A big part of it has to do with the decentralized nature of the American medical system, which in turn has to do with our political and administrative decentralization. If we had something like the U.K.’s National Health Service, it might make it easier to identify and hold accountable a particular institution or even a set of individuals for misguided medical practices. As it is, there is little data about who exactly is facilitating pediatric transition, what processes they are using, and how many American kids are being transitioned.
No less important, in the United States the transgender cause has been framed as (to quote Joe Biden) “the civil rights issue of our time.” Of essence here is the idea that “civil rights” depend on normalizing transgender identity as a natural and healthy human variation and reducing any stigma associated with it. But if you think about it, this makes a cautious, evidence-driven approach to medical management of childhood gender distress very unlikely. The assumption behind psychological prescreening of teens before prescribing them hormones and surgeries (something advocates of American-style “affirming” therapy strongly oppose) is that, all things considered, it is better for a person to feel comfortable in their own body—in other words, not to be transgender. Civil rights rhetoric creates strong pressures to eliminate such medical gatekeeping and take kids’ declarations at face value.
Who are some of the best books or authors you’ve read on gender issues?
On the institutional foundations for gender regulation in education, I know of no better book than R. Shep Melnick’s The Transformation of Title IX. Though focused on that statute, the book is really a deep dive into the obscure and opaque legal and administrative processes by which our public policies are created and enforced.
Melnick’s book came out in 2018, and there have been important developments since then in transgender medicine, law, and social policy. For a chilling and well-researched overview of what the new gender orthodoxies are doing to teenage girls, Abigail Shrier’s Irreversible Damage is a must-read.
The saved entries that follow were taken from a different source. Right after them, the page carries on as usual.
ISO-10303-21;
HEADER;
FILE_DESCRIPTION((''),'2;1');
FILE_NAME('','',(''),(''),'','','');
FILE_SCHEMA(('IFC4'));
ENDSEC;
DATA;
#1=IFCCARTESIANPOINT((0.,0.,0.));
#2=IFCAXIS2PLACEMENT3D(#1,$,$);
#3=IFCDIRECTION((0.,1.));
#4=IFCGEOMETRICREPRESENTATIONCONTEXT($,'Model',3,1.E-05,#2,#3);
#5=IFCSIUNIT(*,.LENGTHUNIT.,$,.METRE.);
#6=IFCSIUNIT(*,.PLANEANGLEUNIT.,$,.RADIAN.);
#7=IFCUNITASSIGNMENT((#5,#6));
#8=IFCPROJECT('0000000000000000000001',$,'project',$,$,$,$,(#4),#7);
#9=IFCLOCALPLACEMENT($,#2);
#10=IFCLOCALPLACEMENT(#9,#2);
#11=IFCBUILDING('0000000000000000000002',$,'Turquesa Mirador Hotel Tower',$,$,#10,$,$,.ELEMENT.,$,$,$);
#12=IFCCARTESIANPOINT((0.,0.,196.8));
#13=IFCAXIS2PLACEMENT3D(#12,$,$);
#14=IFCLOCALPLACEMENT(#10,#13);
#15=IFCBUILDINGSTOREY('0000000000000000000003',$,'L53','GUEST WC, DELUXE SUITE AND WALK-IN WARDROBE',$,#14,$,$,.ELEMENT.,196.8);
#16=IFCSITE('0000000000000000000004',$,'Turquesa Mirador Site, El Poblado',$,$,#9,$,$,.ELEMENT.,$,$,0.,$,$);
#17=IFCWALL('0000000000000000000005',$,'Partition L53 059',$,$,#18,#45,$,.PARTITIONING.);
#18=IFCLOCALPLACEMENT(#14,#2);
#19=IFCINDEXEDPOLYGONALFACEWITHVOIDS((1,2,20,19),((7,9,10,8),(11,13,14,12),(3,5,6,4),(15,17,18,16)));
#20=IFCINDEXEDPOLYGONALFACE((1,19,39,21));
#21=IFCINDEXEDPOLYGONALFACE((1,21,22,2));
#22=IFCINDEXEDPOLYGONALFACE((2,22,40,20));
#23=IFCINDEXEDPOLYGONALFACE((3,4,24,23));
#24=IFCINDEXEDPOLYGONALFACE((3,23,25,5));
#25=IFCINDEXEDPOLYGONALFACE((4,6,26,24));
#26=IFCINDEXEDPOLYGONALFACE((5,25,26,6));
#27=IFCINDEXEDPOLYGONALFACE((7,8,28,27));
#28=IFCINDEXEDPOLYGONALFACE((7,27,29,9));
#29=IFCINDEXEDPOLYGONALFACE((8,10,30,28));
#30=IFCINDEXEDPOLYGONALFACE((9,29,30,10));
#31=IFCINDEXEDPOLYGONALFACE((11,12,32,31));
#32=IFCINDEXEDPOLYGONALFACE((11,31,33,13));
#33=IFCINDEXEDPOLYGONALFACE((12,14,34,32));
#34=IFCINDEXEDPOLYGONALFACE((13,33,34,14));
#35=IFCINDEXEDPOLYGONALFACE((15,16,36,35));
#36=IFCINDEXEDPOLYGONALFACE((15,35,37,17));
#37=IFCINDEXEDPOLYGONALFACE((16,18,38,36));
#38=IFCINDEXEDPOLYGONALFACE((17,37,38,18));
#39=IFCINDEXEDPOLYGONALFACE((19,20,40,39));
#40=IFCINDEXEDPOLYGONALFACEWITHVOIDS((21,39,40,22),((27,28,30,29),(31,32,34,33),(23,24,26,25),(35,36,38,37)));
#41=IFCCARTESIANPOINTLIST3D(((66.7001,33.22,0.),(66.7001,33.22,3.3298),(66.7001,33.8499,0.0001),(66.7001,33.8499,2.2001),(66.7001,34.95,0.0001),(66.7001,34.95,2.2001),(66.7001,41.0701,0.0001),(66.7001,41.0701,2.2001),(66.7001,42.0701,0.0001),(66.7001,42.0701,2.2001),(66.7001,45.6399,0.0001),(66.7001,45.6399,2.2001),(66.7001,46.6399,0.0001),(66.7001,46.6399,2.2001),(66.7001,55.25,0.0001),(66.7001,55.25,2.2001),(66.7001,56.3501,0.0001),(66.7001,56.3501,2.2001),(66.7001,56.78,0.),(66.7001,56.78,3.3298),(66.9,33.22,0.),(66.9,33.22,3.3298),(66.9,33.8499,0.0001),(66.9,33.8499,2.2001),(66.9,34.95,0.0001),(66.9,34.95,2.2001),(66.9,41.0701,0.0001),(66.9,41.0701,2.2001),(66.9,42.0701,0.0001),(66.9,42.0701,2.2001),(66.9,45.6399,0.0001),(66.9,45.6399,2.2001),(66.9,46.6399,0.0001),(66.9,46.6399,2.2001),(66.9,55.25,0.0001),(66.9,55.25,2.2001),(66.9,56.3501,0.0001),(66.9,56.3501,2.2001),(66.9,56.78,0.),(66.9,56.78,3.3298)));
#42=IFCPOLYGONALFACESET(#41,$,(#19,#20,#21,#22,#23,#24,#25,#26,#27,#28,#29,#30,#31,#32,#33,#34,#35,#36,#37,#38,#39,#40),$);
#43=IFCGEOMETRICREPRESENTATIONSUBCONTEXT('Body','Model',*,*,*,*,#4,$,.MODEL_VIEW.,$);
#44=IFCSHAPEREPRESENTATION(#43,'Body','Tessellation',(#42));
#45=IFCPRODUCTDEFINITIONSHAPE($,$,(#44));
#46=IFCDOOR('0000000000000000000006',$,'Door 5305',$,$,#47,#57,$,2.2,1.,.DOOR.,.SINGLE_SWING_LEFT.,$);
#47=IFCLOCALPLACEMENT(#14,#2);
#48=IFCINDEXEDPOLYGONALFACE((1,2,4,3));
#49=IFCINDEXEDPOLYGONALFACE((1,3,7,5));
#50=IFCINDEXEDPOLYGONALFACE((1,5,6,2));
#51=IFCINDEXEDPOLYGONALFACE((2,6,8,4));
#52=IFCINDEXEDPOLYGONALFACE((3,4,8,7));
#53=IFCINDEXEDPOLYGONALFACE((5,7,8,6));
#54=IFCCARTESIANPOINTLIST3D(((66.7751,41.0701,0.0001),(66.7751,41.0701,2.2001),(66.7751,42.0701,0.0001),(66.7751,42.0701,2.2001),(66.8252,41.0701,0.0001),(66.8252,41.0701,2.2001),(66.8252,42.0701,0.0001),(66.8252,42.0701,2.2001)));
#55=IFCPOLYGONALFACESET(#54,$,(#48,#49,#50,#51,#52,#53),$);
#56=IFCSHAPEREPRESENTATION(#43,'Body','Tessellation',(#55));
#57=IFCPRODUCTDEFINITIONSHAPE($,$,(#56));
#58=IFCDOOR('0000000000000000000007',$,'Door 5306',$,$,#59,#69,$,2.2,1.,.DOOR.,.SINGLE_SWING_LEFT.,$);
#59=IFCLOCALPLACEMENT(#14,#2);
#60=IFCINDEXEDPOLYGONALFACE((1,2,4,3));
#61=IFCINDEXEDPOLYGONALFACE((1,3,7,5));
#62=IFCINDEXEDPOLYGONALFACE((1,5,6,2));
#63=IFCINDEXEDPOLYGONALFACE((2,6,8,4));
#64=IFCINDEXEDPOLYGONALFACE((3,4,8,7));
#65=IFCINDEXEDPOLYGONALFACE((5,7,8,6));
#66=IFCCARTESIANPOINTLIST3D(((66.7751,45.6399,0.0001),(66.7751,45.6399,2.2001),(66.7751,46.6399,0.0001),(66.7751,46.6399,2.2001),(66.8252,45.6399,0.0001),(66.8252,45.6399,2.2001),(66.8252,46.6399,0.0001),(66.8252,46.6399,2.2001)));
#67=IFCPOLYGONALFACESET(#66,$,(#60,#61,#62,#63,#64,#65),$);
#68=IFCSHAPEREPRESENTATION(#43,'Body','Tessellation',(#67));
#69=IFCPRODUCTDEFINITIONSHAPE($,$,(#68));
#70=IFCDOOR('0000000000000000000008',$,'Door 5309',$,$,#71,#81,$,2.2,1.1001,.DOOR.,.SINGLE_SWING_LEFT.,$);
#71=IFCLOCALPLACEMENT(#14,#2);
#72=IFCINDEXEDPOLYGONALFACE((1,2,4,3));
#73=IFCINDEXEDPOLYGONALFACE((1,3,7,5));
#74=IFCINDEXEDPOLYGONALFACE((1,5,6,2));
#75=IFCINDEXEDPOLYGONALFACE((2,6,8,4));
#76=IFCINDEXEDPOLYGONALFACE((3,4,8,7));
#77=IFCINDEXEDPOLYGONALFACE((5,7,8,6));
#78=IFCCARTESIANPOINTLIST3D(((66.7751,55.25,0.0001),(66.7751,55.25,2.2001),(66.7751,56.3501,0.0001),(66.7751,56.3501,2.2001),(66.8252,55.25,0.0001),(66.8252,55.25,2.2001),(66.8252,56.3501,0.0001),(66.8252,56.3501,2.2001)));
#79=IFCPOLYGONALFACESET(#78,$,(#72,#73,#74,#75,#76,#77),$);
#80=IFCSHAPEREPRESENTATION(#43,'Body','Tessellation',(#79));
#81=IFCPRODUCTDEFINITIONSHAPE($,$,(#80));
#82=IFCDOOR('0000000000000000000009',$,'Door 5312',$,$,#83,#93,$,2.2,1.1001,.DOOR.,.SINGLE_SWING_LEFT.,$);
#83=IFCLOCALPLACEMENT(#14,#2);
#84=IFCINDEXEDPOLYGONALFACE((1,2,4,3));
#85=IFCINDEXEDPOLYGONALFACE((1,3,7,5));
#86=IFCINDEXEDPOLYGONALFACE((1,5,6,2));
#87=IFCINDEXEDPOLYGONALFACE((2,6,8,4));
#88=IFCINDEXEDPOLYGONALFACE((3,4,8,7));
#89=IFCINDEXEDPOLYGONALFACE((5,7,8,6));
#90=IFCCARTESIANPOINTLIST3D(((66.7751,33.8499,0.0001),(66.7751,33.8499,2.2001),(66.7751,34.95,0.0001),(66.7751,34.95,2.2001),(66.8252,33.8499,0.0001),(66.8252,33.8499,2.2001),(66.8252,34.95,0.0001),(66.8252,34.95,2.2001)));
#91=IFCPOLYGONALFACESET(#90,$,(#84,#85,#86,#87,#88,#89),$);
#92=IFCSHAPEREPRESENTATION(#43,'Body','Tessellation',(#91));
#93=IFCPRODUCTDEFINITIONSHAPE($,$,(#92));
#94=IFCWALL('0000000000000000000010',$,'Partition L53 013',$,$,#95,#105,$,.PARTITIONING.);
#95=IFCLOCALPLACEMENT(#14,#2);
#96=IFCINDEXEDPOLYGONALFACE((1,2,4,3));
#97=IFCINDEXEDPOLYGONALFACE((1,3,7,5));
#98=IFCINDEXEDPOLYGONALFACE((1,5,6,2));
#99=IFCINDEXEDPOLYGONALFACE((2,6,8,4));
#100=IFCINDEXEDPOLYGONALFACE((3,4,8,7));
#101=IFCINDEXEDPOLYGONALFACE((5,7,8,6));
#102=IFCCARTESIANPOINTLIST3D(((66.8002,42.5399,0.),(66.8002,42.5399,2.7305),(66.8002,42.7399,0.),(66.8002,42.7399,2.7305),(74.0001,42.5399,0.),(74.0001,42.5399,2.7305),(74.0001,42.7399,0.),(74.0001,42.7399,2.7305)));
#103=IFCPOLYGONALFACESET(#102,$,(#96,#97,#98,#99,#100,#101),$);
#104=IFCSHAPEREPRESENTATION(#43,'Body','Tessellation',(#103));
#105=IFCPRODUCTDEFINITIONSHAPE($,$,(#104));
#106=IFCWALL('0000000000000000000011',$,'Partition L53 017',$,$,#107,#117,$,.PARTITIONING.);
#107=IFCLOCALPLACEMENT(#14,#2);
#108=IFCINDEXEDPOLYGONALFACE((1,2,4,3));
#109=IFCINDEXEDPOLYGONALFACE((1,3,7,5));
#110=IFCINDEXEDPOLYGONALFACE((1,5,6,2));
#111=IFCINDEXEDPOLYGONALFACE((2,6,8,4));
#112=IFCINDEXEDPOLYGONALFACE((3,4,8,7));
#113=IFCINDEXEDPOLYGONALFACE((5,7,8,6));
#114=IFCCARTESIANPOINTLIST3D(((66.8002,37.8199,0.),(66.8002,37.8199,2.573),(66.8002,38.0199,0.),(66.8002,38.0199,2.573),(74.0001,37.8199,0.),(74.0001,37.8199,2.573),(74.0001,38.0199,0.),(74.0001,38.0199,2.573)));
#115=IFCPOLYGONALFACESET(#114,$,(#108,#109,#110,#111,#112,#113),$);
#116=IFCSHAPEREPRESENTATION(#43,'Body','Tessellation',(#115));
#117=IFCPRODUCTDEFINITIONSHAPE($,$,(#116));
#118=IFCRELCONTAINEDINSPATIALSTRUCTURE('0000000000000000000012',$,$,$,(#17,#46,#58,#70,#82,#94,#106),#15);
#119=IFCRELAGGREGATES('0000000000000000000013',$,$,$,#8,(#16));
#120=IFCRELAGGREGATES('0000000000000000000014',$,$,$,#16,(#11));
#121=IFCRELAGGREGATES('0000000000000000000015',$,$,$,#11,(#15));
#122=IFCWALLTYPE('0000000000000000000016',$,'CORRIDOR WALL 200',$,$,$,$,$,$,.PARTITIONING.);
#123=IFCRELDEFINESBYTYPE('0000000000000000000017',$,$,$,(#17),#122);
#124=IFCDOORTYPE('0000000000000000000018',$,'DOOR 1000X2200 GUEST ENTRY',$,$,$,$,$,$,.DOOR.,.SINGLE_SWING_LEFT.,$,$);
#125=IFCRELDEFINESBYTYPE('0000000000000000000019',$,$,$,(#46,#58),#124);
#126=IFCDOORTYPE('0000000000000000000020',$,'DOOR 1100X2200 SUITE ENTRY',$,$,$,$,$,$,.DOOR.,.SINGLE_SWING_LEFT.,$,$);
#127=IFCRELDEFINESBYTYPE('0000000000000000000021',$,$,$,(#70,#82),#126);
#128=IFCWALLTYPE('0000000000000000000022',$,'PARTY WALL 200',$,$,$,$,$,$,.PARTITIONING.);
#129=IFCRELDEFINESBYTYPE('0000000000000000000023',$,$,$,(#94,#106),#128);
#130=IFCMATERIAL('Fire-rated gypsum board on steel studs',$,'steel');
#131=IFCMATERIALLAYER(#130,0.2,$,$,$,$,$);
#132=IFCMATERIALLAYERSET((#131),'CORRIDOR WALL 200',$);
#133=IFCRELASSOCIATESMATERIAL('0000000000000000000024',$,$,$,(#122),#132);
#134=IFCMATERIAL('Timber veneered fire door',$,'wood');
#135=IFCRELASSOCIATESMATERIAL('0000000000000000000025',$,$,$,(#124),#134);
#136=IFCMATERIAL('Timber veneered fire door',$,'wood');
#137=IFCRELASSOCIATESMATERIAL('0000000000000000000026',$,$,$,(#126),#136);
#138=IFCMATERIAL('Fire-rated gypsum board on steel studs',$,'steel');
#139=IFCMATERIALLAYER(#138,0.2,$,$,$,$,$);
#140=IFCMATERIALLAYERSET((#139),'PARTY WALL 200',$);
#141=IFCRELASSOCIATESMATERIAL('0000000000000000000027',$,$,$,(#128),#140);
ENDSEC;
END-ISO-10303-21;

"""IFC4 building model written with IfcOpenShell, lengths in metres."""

from ifc_helpers import new_model, si_unit, direction, frame, frame_2d, origin, place, context, subcontext, project, spatial, rectangle, extrude, material, layer, layer_set, type_object, element, fill, save


model = new_model("IFC4")

# Units and contexts
model_context = context("Model", 3, precision=1e-05, world=origin(), true_north=direction((0.0, 1.0)))
body_context = subcontext(model_context, "Body", "Model", "MODEL_VIEW")
ifc_project = project(units=[si_unit("LENGTHUNIT", "METRE"), si_unit("PLANEANGLEUNIT", "RADIAN")], contexts=[model_context])

# Site, building, storey
site_placement = place(None, origin())
site = spatial("IfcSite", under=ifc_project, at=site_placement, Name="Turquesa Mirador Site, El Poblado", CompositionType="ELEMENT", RefElevation=0.0)
building_placement = place(site_placement, origin())
building = spatial("IfcBuilding", under=site, at=building_placement, Name="Turquesa Mirador Hotel Tower", CompositionType="ELEMENT")
storey_placement = place(building_placement, frame((0.0, 0.0, 196.8)))
storey = spatial("IfcBuildingStorey", under=building, at=storey_placement, Name="L53", Description="GUEST WC, DELUXE SUITE AND WALK-IN WARDROBE", CompositionType="ELEMENT", Elevation=196.8)

# Wall, openings, doors
ifc_material_1 = material(Name="Fire-rated gypsum board on steel studs", Category="steel")
ifc_layer_1 = layer(ifc_material_1, 0.2)
ifc_layer_set_1 = layer_set([ifc_layer_1], Name="CORRIDOR WALL 200")
wall_type_1 = type_object("IfcWallType", Name="CORRIDOR WALL 200", PredefinedType="PARTITIONING", material=ifc_layer_set_1)
wall_1_placement = place(storey_placement, frame((66.8, 33.22, 0.0), z_axis=(0.0, 0.0, 1.0), x_axis=(0.0, 1.0, 0.0)))
wall_1 = element("IfcWall", 1, at=wall_1_placement, inside=storey, type_object=wall_type_1, Name="Partition L53 059", PredefinedType="PARTITIONING", context=body_context, shape_type="SweptSolid", body=[
    extrude(rectangle(XDim=23.5601, YDim=0.2, at=frame_2d((11.78, 0.0))), origin(), (0.0, 0.0, 1.0), 3.3298),
])
opening_1_placement = place(wall_1_placement, frame((7.8501, 0.0, 0.0)))
opening_1 = element("IfcOpeningElement", 2, at=opening_1_placement, cuts=wall_1, PredefinedType="OPENING", context=body_context, shape_type="SweptSolid", body=[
I’d supplement it with blogposts like this one by detransitioned young women who tell harrowing stories of being medically fast-tracked by well-intentioned but ideologically misguided medical “experts.” For those looking for a good resource on the scientific-medical research, I recommend SEGM’s website.
In contrast to many conservative and feminist critics of transgenderism, I find that gender ideology is less important in shaping current realities than the deeper currents of our therapeutic culture. Carl Trueman’s The Rise and Triumph of the Modern Self is a good read on this topic, as is, of course, Philip Rieff’s classic Triumph of the Therapeutic. James Nolan’s lesser known but more up to date and institutionally focused The Therapeutic State is also helpful.
Finally, I think it’s necessary to have some familiarity with transgender/queer literature, which serves more as a rudder than an engine for trans policy. Judith Butler’s 1988 essay “Performative Acts and Gender Constitution” is illuminating because it shows how current mainstream progressive definitions of “gender identity” are in fact deeply at odds with queer theory. (The current pediatric gender-transition regime would make Michel Foucault turn in his grave.) More relevant—and eminently more readable—is UCLA sociologist Rogers Brubaker’s book Trans, which, though obviously sympathetic to transgenderism, sheds light on the movement’s inner contradictions and confusions. The transgender scholar-activist Susan Stryker has an introductory essay in The Transgender Studies Reader that makes the case that the fundamental purpose of transgenderism is to subvert the Western epistemological paradigm, which places objectivity and fact above subjectivity and feeling. Trans activists deny such things when speaking to mainstream liberals but openly and enthusiastically say them when nestled in their academic cocoons.